Notwithstanding anything to the contrary in this Agreement or any other Loan Document or in any other agreement, arrangement or understanding among any such parties, each party hereto acknowledges that any liability of any EEA Financial Institution arising under this Agreement or any other Loan Document, to the extent such liability is unsecured, may be subject to the Write-Down and Conversion Powers of an EEA Resolution Authority and agrees and consents to, and acknowledges and agrees to be bound by:
(a)the application of any Write-Down and Conversion Powers by an EEA Resolution Authority to any such liabilities arising hereunder which may be payable to it by any party hereto that is an EEA Financial Institution; and
(b)the effects of any Bail-in Action on any such liability, including, if applicable:
(i)a reduction in full or in part or cancellation of any such liability;
(ii)a conversion of all, or a portion of, such liability into shares or other instruments of ownership in such EEA Financial Institution, its parent undertaking, or a bridge institution that may be issued to it or otherwise conferred on it, and that such shares or other instruments of ownership will be accepted by it in lieu of any rights with respect to any such liability under this Agreement or any other Loan Document; or
(iii)the variation of the terms of such liability in connection with the exercise of the Write-Down and Conversion Powers of any EEA Resolution Authority.
Section 2.Representations and Warranties. The Borrower represents and warrants to the Agent and each Lender that:
(a)It has taken all necessary action to authorize the execution, delivery and performance of this Amendment.
(b)This Amendment has been duly executed and delivered by the Borrower and constitutes its legal, valid and binding obligation, enforceable in accordance with its terms, except as such enforceability may be limited by (i) bankruptcy, insolvency, moratorium or similar laws affecting creditors’ rights generally and (ii) general principles of equity (regardless of whether such enforceability is considered in a proceeding at law or in equity).

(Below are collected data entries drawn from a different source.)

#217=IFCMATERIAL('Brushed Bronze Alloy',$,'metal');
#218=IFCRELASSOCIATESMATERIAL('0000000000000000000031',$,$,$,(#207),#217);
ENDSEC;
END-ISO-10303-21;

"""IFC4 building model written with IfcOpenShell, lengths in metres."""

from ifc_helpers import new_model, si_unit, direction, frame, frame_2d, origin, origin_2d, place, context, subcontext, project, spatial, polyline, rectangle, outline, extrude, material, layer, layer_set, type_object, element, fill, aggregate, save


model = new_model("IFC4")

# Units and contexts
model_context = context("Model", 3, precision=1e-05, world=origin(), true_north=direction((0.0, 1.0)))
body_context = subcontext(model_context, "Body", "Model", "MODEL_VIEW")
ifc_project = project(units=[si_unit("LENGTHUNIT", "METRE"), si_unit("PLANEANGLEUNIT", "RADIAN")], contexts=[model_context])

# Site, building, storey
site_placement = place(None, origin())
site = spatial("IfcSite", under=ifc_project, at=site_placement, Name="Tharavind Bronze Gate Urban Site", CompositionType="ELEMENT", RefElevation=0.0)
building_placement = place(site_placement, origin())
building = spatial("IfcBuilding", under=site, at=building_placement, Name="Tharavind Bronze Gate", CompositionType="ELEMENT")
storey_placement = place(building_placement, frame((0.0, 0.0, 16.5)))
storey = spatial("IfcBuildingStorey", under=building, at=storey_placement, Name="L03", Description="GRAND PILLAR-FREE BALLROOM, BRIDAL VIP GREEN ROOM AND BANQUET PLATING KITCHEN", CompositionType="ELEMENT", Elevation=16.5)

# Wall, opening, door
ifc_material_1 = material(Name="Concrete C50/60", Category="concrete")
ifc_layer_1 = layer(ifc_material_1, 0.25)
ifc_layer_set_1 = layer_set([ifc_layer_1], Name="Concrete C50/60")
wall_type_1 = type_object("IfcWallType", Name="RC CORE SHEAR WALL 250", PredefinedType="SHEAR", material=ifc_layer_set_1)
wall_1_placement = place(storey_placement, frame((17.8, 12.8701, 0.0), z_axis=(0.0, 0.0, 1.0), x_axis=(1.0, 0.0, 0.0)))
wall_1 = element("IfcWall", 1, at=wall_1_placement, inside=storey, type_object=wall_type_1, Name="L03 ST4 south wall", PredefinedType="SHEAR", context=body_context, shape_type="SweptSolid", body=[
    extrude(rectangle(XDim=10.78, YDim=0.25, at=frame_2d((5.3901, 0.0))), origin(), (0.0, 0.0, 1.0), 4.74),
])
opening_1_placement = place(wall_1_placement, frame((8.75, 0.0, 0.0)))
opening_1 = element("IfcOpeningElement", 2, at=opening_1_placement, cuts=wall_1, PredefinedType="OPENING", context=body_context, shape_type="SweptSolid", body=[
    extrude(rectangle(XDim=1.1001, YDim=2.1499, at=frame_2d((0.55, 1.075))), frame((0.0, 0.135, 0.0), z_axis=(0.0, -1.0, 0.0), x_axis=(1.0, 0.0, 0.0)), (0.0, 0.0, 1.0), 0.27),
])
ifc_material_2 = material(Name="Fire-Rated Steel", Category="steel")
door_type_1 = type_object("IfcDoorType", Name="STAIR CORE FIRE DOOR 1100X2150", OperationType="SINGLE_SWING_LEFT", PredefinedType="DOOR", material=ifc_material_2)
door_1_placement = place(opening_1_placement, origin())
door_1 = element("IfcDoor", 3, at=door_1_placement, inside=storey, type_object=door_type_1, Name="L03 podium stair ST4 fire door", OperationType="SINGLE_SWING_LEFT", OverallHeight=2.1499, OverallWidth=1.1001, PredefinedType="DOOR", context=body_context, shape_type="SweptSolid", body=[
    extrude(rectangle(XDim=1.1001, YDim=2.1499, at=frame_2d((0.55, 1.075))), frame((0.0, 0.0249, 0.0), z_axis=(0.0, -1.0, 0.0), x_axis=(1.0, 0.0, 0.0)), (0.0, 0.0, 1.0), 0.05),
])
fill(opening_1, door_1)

(c)No consent, approval or authorization of, or declaration or filing with, any Governmental Authority is required for the valid execution, delivery and performance of this Amendment.
(d)The representations and warranties of the Borrower contained in Article IV of the Credit Agreement (other than with respect to Section 4.04(b) and Section 4.05) shall be true in all material respects as if made on and as of the date hereof (except for any representation and warranty that is qualified by materiality or reference to Material Adverse Effect, which such representation and warranty shall be true and correct in all respects).
(e)No Default or Event of Default under the Credit Agreement has occurred and is continuing on the date hereof (before and after giving effect to this Amendment).
(f)There are no set-offs or defenses against the Notes, the Credit Agreement as amended by this Amendment or any other Loan Document.
Section 3.Effectiveness of this Amendment. This Amendment shall be effective upon the receipt by the Agent of executed counterparts of this Agreement by the Borrower and the Required Lenders.
Section 4.Expenses. The Borrower shall reimburse the Agent upon demand for all costs and expenses (including reasonable attorneys’ fees) incurred by the Agent in connection with the preparation, negotiation and execution of this Amendment and the other agreements and documents executed and delivered in connection herewith.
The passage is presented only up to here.